Decir “sí” cuando querías decir “no”, aceptar más responsabilidades de las que puedes manejar o sentir culpa al priorizarte puede parecer algo pequeño. Sin embargo, la dificultad para poner límites podría generar desgaste emocional, agotamiento y sensación constante de sobrecarga.

Aprender a establecerlos no significa alejarse de los demás, sino cuidar el equilibrio personal.

¿Por qué cuesta poner límites?

Muchas personas crecieron asociando los límites con rechazo, conflicto o egoísmo. Esto puede hacer que prioricen las necesidades de otros por encima de las propias, incluso cuando el costo emocional empieza a sentirse.

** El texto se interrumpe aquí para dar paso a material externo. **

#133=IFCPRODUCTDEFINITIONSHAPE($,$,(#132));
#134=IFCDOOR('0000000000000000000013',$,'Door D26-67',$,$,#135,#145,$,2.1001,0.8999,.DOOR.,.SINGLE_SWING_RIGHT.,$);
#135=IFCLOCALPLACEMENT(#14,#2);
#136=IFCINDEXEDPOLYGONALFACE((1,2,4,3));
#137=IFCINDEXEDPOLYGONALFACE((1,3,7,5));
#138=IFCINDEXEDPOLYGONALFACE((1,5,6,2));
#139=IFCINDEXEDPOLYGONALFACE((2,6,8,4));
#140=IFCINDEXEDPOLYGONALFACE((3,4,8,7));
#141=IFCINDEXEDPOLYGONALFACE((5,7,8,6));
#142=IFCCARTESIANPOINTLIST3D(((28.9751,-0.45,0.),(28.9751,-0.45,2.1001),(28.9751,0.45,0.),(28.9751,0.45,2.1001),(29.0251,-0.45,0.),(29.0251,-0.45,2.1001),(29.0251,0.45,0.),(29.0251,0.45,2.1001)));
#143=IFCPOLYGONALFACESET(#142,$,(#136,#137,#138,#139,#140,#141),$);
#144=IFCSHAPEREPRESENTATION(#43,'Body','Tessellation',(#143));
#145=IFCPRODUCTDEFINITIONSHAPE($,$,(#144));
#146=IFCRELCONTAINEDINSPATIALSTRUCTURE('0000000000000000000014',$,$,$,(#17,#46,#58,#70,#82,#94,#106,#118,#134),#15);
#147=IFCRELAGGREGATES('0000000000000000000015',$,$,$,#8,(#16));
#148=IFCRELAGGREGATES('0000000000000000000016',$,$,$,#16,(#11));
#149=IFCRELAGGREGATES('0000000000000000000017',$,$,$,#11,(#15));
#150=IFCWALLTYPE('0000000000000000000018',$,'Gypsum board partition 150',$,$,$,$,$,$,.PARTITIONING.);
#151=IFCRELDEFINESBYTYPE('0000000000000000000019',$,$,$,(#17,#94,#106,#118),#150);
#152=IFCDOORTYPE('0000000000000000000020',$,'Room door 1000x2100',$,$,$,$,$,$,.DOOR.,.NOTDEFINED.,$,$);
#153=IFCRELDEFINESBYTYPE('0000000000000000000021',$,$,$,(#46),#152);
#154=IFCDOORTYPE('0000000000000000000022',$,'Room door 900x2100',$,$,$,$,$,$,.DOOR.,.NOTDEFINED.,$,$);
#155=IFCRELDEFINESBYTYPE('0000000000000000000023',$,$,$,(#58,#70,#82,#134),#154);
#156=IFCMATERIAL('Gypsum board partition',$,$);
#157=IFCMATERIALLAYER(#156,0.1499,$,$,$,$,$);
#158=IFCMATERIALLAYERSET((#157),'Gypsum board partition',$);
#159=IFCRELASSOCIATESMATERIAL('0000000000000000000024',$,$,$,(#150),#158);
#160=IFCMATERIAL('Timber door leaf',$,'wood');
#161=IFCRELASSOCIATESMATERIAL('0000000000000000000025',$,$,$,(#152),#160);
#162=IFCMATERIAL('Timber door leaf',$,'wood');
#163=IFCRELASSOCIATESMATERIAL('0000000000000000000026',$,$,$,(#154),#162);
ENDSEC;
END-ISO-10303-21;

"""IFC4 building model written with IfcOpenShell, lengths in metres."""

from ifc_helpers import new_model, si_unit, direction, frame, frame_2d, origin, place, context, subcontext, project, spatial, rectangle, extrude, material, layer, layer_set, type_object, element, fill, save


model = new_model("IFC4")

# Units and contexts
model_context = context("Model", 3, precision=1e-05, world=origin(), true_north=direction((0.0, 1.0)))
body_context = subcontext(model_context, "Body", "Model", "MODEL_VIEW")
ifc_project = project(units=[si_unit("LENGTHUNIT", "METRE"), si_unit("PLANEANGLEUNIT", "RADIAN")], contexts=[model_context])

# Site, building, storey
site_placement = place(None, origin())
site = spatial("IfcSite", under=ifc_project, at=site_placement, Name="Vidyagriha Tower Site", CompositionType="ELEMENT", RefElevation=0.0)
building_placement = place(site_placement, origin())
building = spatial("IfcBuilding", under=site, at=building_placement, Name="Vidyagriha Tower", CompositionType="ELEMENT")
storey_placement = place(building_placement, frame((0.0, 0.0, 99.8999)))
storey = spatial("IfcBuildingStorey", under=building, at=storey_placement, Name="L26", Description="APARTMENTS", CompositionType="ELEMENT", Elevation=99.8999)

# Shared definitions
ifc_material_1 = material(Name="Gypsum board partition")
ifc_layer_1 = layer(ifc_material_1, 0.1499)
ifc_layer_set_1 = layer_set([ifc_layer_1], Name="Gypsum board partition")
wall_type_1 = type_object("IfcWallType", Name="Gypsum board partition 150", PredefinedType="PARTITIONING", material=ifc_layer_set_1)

Con el tiempo, la carga se acumula.

Conoce más: ¿Cómo crear límites saludables en las relaciones personales?

¿Qué pasa cuando no existen límites claros?

La falta de límites puede relacionarse con:

  • Agotamiento emocional.
  • Sensación de saturación.
  • Dificultad para descansar.
  • Irritabilidad o frustración.
  • Menor tiempo para autocuidado.

No siempre aparece de inmediato; muchas veces el desgaste es progresivo.

¿Cómo empezar a construir límites?

No se trata de cambiar todo de un día para otro, sino de reconocer necesidades y expresarlas gradualmente.

Algunas acciones útiles son:

  • Identificar qué situaciones generan sobrecarga.
  • Reservar tiempo personal.
  • Practicar respuestas claras y respetuosas.
  • Reconocer que descansar también es válido.

Poner límites puede sentirse incómodo al inicio, pero suele mejorar el equilibrio emocional.

Aprender esta habilidad no te hace menos disponible para los demás. Al contrario, puede ayudarte a cuidar tu energía y sostener mejor tus relaciones y responsabilidades.